Wellbeing

Group Chats 

Adapted from the original source: How to manage Group Chats (safeonsocial.com)

 

Group chats can be an excellent way for several people to participate in an online conversation together. Users are getting younger and younger, often utilising HouseParty, snapchat, Discord and other apps. They can be both helpful and harmful. Notifications ping all hours of the day, stacks of unread messages build up until they are not worth the effort to catch up on, and important information gets lost in the stream.

 

We have dealt with several situations so far in 2021 where issues have arisen because of comments made or inappropriate content shared within group chats. Parents need to remain vigilant in checking their son’s devices as these group chats and other apps can also be where nasty behaviour, exclusion, cancel culture, and bullying can thrive. 

 

Tips

There have been many times when young people have engaged in nasty behaviour about another person in a group chat, then deliberately invited them into the chat to see those comments. The deliberate nature of this abuse makes it cyberbullying. 

  • Keep group chats positive, helpful, and supportive. These are not places where we have a whinge about someone else, reveal our intimate secrets, or create drama, gossip, or spread rumours. Inappropriate images should not be posted or shared.
     
  • Removing access to the devices late at night helps avoid interrupted sleep caused by the group chat notifications and beeps. Many primary and secondary students sleep with their devices next to their bed and check messages in the middle of the night.

Teach them how to leave

In partnership, we have to teach our students the skills to know how to leave a group chat that is not helpful or is harmful in any way, including the actual words to use should they need to leave. Fear of missing out (FOMO) is a significant factor in a tween/teen’s life, so you will need to navigate around that as well.

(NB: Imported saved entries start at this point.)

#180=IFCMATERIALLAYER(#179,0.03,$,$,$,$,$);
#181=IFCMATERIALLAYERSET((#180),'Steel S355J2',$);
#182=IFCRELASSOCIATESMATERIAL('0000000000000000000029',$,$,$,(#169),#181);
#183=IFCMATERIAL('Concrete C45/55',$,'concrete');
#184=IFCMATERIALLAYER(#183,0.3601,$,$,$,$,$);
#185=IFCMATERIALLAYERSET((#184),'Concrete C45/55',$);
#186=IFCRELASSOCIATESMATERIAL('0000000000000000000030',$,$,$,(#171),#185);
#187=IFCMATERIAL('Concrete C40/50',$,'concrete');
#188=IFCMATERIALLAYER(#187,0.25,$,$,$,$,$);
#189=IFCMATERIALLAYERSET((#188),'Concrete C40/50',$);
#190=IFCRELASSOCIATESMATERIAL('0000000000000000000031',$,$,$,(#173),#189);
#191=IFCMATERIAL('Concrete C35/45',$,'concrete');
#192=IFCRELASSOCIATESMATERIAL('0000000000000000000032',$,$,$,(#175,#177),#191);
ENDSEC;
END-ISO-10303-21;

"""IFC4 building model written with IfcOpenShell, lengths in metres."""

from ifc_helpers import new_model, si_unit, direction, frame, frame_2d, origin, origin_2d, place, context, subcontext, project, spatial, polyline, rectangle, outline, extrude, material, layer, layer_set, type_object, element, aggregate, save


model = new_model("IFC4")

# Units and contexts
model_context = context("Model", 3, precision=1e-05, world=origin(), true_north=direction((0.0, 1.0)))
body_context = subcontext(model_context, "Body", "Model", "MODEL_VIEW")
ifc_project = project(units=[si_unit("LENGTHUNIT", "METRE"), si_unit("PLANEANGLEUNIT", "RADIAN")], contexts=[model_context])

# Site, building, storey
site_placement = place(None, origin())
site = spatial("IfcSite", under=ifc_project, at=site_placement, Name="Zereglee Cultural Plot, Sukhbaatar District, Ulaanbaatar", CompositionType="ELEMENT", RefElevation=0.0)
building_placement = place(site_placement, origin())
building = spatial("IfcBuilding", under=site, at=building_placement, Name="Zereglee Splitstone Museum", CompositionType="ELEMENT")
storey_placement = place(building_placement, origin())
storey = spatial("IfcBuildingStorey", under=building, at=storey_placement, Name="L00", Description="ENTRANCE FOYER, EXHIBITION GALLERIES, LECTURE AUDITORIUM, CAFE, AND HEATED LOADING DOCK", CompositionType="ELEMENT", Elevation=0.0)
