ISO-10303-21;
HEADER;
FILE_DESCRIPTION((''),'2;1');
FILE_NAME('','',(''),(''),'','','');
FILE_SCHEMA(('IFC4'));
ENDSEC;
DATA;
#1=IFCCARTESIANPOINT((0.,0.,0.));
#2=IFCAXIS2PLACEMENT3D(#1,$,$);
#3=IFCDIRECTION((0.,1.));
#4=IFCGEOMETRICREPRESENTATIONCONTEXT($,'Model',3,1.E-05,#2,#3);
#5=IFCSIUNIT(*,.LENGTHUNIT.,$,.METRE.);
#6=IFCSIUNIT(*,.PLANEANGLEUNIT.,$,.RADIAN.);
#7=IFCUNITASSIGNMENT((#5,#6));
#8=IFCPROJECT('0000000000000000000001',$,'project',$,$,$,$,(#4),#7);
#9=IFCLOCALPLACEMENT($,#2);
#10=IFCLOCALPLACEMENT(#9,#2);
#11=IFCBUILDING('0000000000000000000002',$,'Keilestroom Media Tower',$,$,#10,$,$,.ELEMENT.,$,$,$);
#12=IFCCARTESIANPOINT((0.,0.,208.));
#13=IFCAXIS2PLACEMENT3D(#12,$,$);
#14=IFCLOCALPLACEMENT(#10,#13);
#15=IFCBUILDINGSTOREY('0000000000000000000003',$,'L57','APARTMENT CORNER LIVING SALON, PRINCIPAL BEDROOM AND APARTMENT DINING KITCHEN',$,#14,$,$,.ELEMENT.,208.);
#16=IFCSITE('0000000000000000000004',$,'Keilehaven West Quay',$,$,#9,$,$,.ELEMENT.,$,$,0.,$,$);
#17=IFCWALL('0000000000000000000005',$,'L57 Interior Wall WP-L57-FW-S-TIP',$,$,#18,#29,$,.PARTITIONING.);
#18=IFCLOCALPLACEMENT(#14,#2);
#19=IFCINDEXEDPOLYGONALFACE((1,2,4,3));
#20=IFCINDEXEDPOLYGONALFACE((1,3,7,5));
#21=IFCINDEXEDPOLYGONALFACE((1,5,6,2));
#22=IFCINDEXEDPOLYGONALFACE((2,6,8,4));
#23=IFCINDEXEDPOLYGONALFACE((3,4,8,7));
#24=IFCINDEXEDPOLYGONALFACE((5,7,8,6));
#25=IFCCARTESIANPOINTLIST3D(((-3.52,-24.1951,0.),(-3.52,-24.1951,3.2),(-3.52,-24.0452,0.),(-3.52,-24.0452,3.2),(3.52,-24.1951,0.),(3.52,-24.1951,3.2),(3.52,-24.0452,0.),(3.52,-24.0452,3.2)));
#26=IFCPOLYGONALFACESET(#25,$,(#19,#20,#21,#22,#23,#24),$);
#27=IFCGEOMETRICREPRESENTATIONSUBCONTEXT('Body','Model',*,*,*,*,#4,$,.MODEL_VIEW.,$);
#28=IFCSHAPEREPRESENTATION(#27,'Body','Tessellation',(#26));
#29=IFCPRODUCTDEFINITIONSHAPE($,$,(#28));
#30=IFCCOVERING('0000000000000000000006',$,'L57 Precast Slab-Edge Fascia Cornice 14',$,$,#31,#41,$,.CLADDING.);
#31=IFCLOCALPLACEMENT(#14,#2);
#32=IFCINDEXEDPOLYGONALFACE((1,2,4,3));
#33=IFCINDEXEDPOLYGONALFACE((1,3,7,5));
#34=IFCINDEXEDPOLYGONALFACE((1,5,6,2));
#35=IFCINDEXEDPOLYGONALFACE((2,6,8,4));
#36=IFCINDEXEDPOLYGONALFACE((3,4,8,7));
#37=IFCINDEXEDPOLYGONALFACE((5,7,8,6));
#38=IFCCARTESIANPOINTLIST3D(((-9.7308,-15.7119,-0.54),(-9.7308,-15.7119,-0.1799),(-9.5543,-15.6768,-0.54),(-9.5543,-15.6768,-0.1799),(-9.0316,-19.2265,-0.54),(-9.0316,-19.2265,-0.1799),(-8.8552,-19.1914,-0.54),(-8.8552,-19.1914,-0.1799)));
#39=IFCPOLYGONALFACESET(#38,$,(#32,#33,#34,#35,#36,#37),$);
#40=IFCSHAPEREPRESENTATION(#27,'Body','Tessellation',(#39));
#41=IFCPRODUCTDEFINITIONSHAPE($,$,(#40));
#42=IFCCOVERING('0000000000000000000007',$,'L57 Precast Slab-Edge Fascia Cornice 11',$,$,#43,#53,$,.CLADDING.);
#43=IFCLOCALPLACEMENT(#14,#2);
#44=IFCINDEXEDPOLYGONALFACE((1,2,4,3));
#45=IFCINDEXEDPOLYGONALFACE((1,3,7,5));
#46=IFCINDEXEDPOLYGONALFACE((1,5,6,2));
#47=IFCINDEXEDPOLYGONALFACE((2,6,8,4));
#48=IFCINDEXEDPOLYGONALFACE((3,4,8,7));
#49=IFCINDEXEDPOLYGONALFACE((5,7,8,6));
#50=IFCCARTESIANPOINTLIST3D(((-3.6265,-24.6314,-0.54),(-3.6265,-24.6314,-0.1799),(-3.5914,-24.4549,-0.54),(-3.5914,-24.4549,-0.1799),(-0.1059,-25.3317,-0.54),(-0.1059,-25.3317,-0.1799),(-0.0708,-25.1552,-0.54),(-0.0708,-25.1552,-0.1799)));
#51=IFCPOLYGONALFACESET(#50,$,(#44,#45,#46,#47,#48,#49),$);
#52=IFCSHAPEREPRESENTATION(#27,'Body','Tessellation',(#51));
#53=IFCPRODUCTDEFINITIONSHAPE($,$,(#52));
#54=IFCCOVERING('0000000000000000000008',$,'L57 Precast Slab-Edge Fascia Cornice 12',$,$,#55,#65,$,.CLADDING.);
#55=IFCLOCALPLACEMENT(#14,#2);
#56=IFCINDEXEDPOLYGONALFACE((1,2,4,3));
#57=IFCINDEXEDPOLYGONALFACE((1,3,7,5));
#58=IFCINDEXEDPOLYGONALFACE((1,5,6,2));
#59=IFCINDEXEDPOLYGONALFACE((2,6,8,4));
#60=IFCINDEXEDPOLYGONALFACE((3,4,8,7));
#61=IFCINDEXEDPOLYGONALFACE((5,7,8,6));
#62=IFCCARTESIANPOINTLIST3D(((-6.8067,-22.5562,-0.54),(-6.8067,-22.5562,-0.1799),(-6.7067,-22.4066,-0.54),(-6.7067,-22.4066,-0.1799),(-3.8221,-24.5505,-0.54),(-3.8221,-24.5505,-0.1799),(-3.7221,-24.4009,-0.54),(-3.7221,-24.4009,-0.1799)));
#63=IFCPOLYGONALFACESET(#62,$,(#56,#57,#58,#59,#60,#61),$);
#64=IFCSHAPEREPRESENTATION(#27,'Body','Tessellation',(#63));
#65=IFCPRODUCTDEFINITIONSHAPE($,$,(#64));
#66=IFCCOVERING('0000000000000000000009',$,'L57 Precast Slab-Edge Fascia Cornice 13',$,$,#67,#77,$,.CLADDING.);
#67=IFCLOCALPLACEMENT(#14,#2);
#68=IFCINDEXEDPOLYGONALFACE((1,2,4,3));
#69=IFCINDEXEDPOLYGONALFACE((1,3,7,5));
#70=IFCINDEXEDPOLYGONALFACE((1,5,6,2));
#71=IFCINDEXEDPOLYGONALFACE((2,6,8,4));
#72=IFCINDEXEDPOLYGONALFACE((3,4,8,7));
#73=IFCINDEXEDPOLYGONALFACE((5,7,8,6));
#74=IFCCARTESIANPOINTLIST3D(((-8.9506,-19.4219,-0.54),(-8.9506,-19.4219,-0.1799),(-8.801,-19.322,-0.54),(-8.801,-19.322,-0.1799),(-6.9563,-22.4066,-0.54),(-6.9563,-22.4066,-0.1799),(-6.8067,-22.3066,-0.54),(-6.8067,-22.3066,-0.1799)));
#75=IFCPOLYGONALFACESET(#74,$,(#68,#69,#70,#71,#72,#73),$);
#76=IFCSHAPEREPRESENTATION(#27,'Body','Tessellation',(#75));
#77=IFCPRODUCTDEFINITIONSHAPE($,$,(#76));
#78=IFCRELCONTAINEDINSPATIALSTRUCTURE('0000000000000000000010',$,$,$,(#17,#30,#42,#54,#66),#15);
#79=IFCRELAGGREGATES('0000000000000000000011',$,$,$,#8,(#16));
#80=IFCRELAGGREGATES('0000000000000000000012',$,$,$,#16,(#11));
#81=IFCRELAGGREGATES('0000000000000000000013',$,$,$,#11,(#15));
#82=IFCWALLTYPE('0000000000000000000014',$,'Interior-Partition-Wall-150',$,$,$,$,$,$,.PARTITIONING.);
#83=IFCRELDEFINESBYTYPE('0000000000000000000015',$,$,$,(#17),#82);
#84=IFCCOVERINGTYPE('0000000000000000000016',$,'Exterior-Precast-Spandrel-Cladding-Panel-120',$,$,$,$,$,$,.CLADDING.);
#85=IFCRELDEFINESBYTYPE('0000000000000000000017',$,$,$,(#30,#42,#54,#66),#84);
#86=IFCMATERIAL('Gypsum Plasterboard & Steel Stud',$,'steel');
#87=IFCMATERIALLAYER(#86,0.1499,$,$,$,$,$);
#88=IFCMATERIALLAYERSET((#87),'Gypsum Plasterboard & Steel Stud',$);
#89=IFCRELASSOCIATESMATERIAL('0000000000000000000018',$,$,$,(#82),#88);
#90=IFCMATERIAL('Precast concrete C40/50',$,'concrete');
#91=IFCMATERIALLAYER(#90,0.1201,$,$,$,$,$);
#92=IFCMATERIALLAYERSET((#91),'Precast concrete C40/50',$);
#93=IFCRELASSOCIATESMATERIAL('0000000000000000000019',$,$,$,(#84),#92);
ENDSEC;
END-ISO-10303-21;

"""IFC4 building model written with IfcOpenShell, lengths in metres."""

from ifc_helpers import new_model, si_unit, direction, frame, frame_2d, origin, origin_2d, place, context, subcontext, project, spatial, rectangle, extrude, source, transform, mapped, material, layer, layer_set, type_object, element, save


model = new_model("IFC4")

# Units and contexts
model_context = context("Model", 3, precision=1e-05, world=origin(), true_north=direction((0.0, 1.0)))
body_context = subcontext(model_context, "Body", "Model", "MODEL_VIEW")
ifc_project = project(units=[si_unit("LENGTHUNIT", "METRE"), si_unit("PLANEANGLEUNIT", "RADIAN")], contexts=[model_context])

# Site, building, storey
site_placement = place(None, origin())
site = spatial("IfcSite", under=ifc_project, at=site_placement, Name="Keilehaven West Quay", CompositionType="ELEMENT", RefElevation=0.0)
building_placement = place(site_placement, origin())
building = spatial("IfcBuilding", under=site, at=building_placement, Name="Keilestroom Media Tower", CompositionType="ELEMENT")
storey_placement = place(building_placement, frame((0.0, 0.0, 208.0)))
storey = spatial("IfcBuildingStorey", under=building, at=storey_placement, Name="L57", Description="APARTMENT CORNER LIVING SALON, PRINCIPAL BEDROOM AND APARTMENT DINING KITCHEN", CompositionType="ELEMENT", Elevation=208.0)

# Shared definitions
ifc_material_1 = material(Name="Precast concrete C40/50", Category="concrete")

# Shared definitions
ifc_material_2 = material(Name="Gypsum Plasterboard & Steel Stud", Category="steel")

# Wall
ifc_layer_1 = layer(ifc_material_2, 0.1499)
ifc_layer_set_1 = layer_set([ifc_layer_1], Name="Gypsum Plasterboard & Steel Stud")
wall_type_1 = type_object("IfcWallType", Name="Interior-Partition-Wall-150", PredefinedType="PARTITIONING", material=ifc_layer_set_1)
wall_1_placement = place(storey_placement, frame((-3.52, -24.1201, 0.0), z_axis=(0.0, 0.0, 1.0), x_axis=(1.0, 0.0, 0.0)))
element("IfcWall", 1, at=wall_1_placement, inside=storey, type_object=wall_type_1, Name="L57 Interior Wall WP-L57-FW-S-TIP", PredefinedType="PARTITIONING", context=body_context, shape_type="SweptSolid", body=[
    extrude(rectangle(XDim=7.04, YDim=0.1499, at=frame_2d((3.52, 0.0))), origin(), (0.0, 0.0, 1.0), 3.2),
])

# Coverings
ifc_layer_2 = layer(ifc_material_1, 0.1201)
ifc_layer_set_2 = layer_set([ifc_layer_2], Name="Precast concrete C40/50")
covering_type = type_object("IfcCoveringType", Name="Exterior-Precast-Spandrel-Cladding-Panel-120", PredefinedType="CLADDING", material=ifc_layer_set_2)
shared_shape_1 = source(origin(), body_context, "Body", "SweptSolid", [
    extrude(rectangle(XDim=3.5835, YDim=0.1799, at=origin_2d()), origin(), (0.0, 0.0, 1.0), 0.3601),
])
covering_placement = place(storey_placement, frame((-9.293, -17.4517, -0.54), z_axis=(0.0, 0.0, 1.0), x_axis=(-0.195099, 0.980784, 0.0)))
element("IfcCovering", 2, at=covering_placement, inside=storey, type_object=covering_type, Name="L57 Precast Slab-Edge Fascia Cornice 14", PredefinedType="CLADDING", context=body_context, shape_type="MappedRepresentation", body=[
    mapped(shared_shape_1, transform((0.0, 0.0, 0.0), x_axis=(1.0, 0.0, 0.0), y_axis=(0.0, 1.0, 0.0), z_axis=(0.0, 0.0, 1.0), scale=1.0)),
])
shared_shape_2 = source(origin(), body_context, "Body", "SweptSolid", [
    extrude(rectangle(XDim=3.5896, YDim=0.1799, at=origin_2d()), origin(), (0.0, 0.0, 1.0), 0.3601),
])
for number, where, z_axis, x_axis, name in (
    (3, (-1.8486, -24.8933, -0.54), (0.0, 0.0, 1.0), (-0.980784, 0.195099, 0.0), "L57 Precast Slab-Edge Fascia Cornice 11"),
    (4, (-5.2644, -23.4785, -0.54), (0.0, 0.0, 1.0), (-0.831467, 0.555575, 0.0), "L57 Precast Slab-Edge Fascia Cornice 12"),
    (5, (-7.8787, -20.8643, -0.54), (0.0, 0.0, 1.0), (-0.555575, 0.831467, 0.0), "L57 Precast Slab-Edge Fascia Cornice 13"),
):
    element("IfcCovering", number, at=place(storey_placement, frame(where, z_axis=z_axis, x_axis=x_axis)), inside=storey, type_object=covering_type, Name=name, PredefinedType="CLADDING", context=body_context, shape_type="MappedRepresentation", body=[
        mapped(shared_shape_2, transform((0.0, 0.0, 0.0), x_axis=(1.0, 0.0, 0.0), y_axis=(0.0, 1.0, 0.0), z_axis=(0.0, 0.0, 1.0), scale=1.0)),
    ])

save(model, "model.ifc")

  • Often kids are in multiple chats at once. If the chat is getting toxic, bullying is happening or images circulated, or anything that may be deemed illegal. Take a screenshot and log out, so they do not find themselves in a “guilty by association” situation if something gets reported.
     
  • Sometimes they have got no other option but to leave a group chat—the notifications have become too much, the conversation has become increasingly irrelevant, and their phone has become cluttered with too many group chats for them to keep across them all. In most cases, the exit button is easy to find.
     
  • In the case of group chats on Instagram, tap the header banner in a group conversation to see its participants and then tap on Leave Conversation to quit it.
     
  • Make sure they know they should not feel compelled to respond straight away or be a part of every single interaction. Remember that just because there are only six participants in a private chat does not mean that the chat will remain private. There are plenty of ways these chats can become very public.
     
  • Avoid using late at night or let people know when they are signing off for the day.
     
  • If getting overloaded with alerts, change the way chat notifications appear. Make those pings silent and invisible quickly on both Android and iOS.
     
  • On Android, open up Settings, go to Apps and Notifications, and choose an app to make changes.
     
  • On iOS, take even more control over the alerts style: from Settings, pick Notifications, then tap on a particular messaging app to see the available options.
     
  • It is also useful to silence individual conversations temporarily. It is easy to make sure alerts from certain people come through while limiting the number of pings from everyone in the chat.
     
  • Most messaging tools and group chat apps allow conversations to be muted for a period, and the option should be easy to find in the app of choice. If not, a simple google search will give instructions.
     
  • Teach them to be in charge and confident in their relationships. Their friends will understand that their refusal to engage at every moment has nothing to do with the state of their relationship. They will understand this is the way they manage their time, their devices, and their priorities.